Ijin dari suami sudah saya kantongi, saya lanjut browsing sana sini, catat tanggal registrasi, nonton video-video di Youtube tentang cara menulis essai yang baik, follow akun Instagram UI dan LPDP, dll. Suatu hari, tiba-tiba saya tahu saya hamil anak pertama. Saya yang sangat suka anak kecil memang punya cita-cita menjadi seorang ibu sejak remaja.

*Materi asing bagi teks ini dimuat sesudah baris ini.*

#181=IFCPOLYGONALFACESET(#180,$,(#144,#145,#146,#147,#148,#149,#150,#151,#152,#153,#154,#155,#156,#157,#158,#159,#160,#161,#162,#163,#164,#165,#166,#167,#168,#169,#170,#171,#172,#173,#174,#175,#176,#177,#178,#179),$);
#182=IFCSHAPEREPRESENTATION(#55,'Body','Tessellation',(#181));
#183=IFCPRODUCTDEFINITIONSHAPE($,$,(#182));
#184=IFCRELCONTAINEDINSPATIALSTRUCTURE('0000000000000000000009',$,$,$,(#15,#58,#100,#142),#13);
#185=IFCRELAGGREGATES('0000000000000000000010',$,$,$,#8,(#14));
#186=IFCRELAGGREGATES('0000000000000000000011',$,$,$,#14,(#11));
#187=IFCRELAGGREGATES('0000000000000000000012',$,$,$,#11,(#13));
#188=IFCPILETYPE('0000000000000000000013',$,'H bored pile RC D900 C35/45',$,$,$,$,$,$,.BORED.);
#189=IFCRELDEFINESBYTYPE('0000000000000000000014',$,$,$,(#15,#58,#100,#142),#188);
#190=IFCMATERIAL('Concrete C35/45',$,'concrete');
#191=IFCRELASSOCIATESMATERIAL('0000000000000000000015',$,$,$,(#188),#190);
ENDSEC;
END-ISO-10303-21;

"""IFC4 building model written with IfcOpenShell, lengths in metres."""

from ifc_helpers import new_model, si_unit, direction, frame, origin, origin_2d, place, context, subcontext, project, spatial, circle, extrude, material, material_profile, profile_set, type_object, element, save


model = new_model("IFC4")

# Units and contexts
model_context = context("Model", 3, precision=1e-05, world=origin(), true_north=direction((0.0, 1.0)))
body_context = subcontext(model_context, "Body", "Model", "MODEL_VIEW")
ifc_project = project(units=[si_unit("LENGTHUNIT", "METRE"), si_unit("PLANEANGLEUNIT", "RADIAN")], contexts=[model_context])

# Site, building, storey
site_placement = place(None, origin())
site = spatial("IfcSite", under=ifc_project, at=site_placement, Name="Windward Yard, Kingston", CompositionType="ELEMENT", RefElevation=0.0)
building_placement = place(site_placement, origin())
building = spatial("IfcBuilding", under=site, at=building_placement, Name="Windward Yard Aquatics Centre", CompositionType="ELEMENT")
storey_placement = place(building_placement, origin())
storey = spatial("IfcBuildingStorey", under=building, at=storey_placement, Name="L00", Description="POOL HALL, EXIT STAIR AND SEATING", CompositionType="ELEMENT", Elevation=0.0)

Saya jadi ingat, sejak sebelum menikah saya suka follow akun parenting dan beberapa mommygram dengan sejuta tips-tipsnya yang saya catat dan simpan, supaya bisa saya terapkan nanti ke anak saya. Setelah menikah, karena beberapa hal, saya dan suami memutuskan menunda untuk langsung punya anak. Keinginan tersebut sungguh nyata meskipun hanya didalam hati. Dan kini setelah hamil, saya merasa sangat excited dan amat bersyukur, sampai-sampai akhirnya semua rencana saya berubah. As simple as that, mission aborted.
Saya sempat merasa cemas saat itu. Dibalik kebahagiaan yang saya rasakan, ada kekhawatiran bahwa masa produktif saya akan berakhir. Bahwa saya tidak akan menghasilkan achievement lagi. Beberapa waktu berlalu, beberapa buku yang saya baca, beberapa kelas prenatal yoga yang saya hadiri, dan beberapa orang-orang dan komunitas baru yang saya temui, akhirnya berhasil membuat saya bangun untuk melihat sisi lain dari masa depan saya, disaat setan bernama “comparison” itu muncul di pikiran.

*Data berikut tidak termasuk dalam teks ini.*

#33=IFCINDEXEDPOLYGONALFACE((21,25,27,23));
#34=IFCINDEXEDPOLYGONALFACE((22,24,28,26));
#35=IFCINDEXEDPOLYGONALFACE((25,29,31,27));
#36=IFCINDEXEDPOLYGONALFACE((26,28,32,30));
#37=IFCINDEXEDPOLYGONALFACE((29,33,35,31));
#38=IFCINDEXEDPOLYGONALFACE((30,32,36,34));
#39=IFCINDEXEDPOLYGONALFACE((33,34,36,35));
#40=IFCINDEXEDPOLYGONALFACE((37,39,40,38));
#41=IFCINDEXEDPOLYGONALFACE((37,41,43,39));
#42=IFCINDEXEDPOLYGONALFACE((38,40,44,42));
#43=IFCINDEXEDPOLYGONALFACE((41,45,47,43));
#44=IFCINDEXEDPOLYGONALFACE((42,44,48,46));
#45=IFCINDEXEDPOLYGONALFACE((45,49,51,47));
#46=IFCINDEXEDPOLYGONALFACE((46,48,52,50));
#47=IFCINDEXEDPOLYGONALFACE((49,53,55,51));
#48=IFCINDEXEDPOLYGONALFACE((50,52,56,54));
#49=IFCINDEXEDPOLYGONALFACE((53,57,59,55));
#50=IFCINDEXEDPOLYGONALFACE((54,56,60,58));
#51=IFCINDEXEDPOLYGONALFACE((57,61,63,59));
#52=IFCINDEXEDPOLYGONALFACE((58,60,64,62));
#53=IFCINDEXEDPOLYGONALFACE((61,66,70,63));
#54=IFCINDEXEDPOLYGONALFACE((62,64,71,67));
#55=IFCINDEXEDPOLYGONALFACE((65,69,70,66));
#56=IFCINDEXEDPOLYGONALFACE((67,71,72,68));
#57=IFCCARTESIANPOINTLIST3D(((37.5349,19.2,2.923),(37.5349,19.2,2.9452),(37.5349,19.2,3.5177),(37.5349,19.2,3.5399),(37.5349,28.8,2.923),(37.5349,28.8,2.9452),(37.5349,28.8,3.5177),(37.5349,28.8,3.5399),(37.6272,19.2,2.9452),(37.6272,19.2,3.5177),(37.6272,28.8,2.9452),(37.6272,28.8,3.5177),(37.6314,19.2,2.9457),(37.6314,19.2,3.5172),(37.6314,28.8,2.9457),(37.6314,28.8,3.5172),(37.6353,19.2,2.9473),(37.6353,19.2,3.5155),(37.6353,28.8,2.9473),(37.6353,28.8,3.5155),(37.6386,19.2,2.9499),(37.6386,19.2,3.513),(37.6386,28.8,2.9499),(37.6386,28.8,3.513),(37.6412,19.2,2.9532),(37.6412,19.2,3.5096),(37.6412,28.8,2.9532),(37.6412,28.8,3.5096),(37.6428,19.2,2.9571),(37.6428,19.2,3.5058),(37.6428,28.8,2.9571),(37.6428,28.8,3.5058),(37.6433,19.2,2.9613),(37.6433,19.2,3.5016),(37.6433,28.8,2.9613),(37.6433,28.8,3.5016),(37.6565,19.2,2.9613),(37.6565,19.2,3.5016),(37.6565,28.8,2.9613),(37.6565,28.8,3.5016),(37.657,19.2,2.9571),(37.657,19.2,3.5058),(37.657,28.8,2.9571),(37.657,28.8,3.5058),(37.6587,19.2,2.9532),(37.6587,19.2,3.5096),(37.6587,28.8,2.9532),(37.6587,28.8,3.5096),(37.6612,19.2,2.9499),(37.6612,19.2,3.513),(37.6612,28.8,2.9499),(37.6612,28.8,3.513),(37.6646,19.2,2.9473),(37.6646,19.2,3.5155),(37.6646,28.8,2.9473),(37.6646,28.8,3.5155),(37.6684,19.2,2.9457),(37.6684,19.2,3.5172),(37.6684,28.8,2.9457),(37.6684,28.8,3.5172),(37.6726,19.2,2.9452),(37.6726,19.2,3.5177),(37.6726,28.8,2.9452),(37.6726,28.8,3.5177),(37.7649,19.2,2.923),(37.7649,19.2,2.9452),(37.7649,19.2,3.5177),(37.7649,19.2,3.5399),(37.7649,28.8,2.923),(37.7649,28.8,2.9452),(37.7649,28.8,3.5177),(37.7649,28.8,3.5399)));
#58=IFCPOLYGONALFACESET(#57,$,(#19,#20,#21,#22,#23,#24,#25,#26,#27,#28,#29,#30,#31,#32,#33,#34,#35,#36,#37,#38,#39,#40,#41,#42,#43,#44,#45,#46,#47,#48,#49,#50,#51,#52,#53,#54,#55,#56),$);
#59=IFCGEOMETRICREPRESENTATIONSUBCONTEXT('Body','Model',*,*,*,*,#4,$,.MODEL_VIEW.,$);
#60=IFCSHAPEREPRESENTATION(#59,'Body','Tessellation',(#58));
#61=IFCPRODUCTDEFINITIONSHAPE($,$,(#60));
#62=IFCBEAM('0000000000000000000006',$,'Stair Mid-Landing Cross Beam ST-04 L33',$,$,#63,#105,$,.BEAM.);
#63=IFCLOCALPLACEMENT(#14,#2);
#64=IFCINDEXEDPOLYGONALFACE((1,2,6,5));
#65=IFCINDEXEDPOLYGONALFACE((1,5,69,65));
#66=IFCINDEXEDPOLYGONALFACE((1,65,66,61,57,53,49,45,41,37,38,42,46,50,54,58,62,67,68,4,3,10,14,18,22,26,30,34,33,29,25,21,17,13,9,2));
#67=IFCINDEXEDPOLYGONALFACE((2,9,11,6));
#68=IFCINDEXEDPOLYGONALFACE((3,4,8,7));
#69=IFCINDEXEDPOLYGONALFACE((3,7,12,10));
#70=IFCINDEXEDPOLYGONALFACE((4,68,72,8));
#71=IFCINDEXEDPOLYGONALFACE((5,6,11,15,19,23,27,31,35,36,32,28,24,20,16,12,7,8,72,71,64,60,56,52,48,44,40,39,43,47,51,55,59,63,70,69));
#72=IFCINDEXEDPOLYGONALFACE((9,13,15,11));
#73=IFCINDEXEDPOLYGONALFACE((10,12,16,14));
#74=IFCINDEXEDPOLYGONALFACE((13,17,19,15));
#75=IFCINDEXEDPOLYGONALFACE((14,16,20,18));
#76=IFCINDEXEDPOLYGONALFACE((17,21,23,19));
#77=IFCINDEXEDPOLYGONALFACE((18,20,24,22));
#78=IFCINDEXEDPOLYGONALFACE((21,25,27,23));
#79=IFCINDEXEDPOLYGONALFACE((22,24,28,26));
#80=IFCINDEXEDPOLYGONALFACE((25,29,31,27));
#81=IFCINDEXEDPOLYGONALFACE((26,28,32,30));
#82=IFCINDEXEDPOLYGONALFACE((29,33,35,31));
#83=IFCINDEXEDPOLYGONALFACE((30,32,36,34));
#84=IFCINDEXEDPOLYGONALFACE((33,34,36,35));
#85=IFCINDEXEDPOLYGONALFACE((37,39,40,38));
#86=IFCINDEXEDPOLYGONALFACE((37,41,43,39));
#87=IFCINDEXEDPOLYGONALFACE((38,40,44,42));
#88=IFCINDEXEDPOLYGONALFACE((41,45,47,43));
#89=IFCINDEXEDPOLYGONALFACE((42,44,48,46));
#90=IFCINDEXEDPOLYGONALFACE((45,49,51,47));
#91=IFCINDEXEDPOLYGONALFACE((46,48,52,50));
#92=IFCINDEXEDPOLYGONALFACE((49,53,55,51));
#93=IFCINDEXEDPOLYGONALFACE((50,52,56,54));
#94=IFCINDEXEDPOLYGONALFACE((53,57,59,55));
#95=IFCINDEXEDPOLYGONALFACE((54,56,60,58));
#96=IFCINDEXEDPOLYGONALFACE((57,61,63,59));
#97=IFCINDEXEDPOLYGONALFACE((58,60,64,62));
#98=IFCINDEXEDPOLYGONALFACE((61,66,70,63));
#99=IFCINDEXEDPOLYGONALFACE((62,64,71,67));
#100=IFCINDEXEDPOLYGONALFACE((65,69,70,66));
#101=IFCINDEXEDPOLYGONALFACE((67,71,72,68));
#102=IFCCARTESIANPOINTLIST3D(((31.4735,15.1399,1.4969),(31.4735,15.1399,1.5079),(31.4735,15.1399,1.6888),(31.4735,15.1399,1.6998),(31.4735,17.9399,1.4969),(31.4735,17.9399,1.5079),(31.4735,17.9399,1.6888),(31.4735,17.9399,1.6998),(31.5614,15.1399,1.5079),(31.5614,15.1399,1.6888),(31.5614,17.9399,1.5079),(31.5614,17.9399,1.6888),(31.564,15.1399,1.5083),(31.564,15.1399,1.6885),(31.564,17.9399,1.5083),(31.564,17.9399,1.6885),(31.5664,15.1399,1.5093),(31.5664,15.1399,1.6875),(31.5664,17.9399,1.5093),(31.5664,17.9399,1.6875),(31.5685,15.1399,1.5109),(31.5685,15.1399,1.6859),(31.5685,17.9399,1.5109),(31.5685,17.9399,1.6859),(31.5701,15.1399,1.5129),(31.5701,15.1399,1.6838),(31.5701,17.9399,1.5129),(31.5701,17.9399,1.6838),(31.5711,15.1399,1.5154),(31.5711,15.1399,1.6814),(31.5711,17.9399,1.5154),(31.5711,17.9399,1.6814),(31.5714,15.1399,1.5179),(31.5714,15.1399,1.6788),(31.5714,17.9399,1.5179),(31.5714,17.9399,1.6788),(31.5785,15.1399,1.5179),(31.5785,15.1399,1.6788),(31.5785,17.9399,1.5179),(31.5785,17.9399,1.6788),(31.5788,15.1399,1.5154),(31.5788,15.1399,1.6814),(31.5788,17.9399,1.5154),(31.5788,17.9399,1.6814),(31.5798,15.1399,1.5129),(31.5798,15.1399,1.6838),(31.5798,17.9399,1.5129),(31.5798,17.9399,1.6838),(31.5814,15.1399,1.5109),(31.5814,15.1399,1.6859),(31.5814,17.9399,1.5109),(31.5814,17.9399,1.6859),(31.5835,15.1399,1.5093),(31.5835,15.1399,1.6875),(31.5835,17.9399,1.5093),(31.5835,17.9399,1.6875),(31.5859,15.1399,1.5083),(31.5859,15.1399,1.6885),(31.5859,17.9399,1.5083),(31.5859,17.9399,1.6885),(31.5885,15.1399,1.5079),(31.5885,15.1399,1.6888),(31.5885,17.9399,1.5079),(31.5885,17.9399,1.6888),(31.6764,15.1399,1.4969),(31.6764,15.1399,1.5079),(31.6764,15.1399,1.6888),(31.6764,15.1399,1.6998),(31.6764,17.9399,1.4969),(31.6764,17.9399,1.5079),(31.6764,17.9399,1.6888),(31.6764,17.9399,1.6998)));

Comparison is a contentment killer. Ibarat jalanan, saya percaya masing-masing dari kita sudah punya jalurnya sendiri-sendiri. Kalau sepeda masuk jalur busway, bisa terlindas. Kalau metromini masuk jalur busway, pasti susah untuk cari penumpang. Kalau Ferrari di jalur busway, jadinya nggak bisa dibawa kebut-kebutan. Atau malah ditilang.
Ketika saya berhasil melihat kehidupan dengan cara seperti itu, ternyata hidup terasa jauh lebih enteng. Saya yang tadinya insecure dengan diri sendiri dan jealous melihat kesuksesan orang lain, menjadi turut bahagia ketika melihat keberhasilan dan pencapaian yang orang lain alami. Terlebih lagi, saya jadi lebih bisa fokus dengan apa yang sedang saya jalani sekarang karena pencapaian orang tidak lagi mengganggu pikiran saya. Saya merasa lebih ‘content’.

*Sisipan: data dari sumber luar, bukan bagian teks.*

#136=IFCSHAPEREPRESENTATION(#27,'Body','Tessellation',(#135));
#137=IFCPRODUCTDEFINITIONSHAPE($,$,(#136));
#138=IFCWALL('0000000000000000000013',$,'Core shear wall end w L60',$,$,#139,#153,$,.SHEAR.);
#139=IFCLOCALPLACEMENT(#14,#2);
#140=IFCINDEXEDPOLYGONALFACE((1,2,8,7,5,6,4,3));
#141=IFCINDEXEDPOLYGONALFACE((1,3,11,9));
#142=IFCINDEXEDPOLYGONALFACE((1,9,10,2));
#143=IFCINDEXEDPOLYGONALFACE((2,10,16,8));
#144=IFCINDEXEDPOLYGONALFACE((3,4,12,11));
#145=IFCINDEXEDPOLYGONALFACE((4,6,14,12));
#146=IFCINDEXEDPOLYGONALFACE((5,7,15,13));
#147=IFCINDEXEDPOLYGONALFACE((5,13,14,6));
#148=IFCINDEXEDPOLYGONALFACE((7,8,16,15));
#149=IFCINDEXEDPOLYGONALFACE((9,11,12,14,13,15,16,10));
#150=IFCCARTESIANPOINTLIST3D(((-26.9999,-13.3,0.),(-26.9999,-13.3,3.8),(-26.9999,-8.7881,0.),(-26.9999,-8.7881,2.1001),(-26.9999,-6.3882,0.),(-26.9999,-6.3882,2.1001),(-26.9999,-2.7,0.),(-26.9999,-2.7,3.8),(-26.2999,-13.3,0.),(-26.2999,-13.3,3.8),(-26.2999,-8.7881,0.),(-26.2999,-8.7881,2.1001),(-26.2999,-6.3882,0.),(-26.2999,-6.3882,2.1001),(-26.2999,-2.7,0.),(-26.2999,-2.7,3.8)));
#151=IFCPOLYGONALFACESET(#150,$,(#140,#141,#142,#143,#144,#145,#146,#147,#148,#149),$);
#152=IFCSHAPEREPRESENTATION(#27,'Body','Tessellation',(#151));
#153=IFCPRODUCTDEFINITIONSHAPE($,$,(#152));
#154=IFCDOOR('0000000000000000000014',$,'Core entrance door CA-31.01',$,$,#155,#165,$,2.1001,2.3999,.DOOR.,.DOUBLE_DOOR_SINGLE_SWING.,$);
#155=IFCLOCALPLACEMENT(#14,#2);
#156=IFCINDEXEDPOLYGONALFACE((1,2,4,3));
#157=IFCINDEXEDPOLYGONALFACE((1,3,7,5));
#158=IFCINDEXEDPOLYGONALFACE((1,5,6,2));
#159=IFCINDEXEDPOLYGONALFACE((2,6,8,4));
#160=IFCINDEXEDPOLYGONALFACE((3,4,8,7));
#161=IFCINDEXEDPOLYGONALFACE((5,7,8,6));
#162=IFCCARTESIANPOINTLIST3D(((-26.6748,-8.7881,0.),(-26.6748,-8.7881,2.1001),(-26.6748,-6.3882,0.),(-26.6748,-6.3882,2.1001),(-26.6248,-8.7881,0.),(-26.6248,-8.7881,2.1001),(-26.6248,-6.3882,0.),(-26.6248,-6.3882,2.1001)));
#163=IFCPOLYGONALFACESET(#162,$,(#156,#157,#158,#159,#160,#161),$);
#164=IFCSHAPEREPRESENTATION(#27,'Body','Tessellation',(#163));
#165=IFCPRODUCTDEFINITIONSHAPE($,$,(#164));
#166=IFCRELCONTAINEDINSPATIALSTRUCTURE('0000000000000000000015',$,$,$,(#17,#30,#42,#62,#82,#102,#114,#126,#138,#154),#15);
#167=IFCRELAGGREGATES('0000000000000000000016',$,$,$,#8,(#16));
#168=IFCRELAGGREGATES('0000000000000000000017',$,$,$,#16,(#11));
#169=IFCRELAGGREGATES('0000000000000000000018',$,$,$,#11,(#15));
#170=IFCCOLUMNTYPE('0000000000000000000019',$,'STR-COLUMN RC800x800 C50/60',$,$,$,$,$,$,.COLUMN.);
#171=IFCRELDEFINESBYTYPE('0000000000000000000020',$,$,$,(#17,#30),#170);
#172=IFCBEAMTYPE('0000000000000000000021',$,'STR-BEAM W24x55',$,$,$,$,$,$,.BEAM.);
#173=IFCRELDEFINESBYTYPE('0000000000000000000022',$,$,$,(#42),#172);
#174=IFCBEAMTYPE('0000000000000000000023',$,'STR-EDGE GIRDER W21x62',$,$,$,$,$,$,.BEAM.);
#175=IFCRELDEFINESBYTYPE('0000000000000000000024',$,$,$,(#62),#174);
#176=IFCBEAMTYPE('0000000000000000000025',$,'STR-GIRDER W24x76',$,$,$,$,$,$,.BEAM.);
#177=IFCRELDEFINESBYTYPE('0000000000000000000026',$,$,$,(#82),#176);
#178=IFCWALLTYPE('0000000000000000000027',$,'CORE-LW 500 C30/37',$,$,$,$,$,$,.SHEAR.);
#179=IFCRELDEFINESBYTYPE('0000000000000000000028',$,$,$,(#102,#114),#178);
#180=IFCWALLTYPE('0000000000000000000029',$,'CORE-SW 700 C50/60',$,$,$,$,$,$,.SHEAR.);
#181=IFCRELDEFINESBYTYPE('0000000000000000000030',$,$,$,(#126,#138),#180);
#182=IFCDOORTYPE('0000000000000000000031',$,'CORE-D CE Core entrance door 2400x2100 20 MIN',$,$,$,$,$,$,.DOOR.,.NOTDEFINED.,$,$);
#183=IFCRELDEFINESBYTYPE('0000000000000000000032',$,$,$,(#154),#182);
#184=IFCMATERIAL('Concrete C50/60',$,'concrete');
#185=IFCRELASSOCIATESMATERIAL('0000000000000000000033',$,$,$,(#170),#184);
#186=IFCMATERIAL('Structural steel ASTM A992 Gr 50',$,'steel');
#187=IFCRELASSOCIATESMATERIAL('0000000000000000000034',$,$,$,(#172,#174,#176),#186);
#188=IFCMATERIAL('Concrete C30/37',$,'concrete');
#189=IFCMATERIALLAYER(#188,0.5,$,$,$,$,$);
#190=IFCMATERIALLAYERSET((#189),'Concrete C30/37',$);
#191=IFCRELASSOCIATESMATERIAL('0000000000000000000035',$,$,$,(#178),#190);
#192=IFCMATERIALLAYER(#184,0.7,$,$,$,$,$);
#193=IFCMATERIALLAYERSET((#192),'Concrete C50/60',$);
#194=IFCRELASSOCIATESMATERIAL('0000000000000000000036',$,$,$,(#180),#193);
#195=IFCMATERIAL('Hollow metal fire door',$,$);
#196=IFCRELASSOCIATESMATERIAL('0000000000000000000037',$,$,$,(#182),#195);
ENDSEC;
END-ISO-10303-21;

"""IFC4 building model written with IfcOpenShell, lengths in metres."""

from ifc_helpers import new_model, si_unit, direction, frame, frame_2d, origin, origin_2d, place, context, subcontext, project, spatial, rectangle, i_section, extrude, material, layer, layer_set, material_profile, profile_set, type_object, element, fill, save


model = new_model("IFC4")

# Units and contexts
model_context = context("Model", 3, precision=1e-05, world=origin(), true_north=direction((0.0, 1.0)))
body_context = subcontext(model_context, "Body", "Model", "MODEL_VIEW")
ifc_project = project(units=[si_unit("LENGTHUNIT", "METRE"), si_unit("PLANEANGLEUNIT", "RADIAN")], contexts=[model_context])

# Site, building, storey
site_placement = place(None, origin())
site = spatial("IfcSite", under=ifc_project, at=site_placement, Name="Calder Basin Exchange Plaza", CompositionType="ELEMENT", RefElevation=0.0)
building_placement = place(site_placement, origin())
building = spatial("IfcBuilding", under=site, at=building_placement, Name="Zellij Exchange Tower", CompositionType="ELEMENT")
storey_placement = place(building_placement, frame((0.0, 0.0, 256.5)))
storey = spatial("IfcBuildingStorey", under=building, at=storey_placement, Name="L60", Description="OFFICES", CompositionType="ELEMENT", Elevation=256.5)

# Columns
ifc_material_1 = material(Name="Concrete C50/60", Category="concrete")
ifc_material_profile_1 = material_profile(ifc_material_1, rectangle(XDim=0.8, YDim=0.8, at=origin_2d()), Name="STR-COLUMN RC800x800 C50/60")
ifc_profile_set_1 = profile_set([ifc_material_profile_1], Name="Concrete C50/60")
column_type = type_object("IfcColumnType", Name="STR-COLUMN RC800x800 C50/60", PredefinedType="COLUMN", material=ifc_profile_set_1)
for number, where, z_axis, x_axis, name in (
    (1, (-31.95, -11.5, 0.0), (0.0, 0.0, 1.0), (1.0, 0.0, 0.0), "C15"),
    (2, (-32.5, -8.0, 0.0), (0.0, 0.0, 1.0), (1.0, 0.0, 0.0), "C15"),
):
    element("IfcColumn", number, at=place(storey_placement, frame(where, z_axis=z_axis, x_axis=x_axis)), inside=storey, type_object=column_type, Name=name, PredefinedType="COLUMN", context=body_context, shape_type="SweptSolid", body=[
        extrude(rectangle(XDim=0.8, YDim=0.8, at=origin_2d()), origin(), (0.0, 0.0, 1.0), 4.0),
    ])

Mungkin ada yang menyayangkan keputusan saya akan pendidikan lanjutan yang tidak jadi saya ambil. Tapi saya yakin, ini bukanlah suatu kegagalan, melainkan hanyalah penundaan untuk sesuatu yang saya yakin lebih besar nantinya. Untuk sekarang, saya akan berada di jalur saya. Kedepannya, kalau saya mau tancap gas, mungkin sesekali menarik rem, atau mau pindah ke jalan tol, saya yakin hal itu bisa terjadi.
Hope you find your lane and find contentment in cruising through it.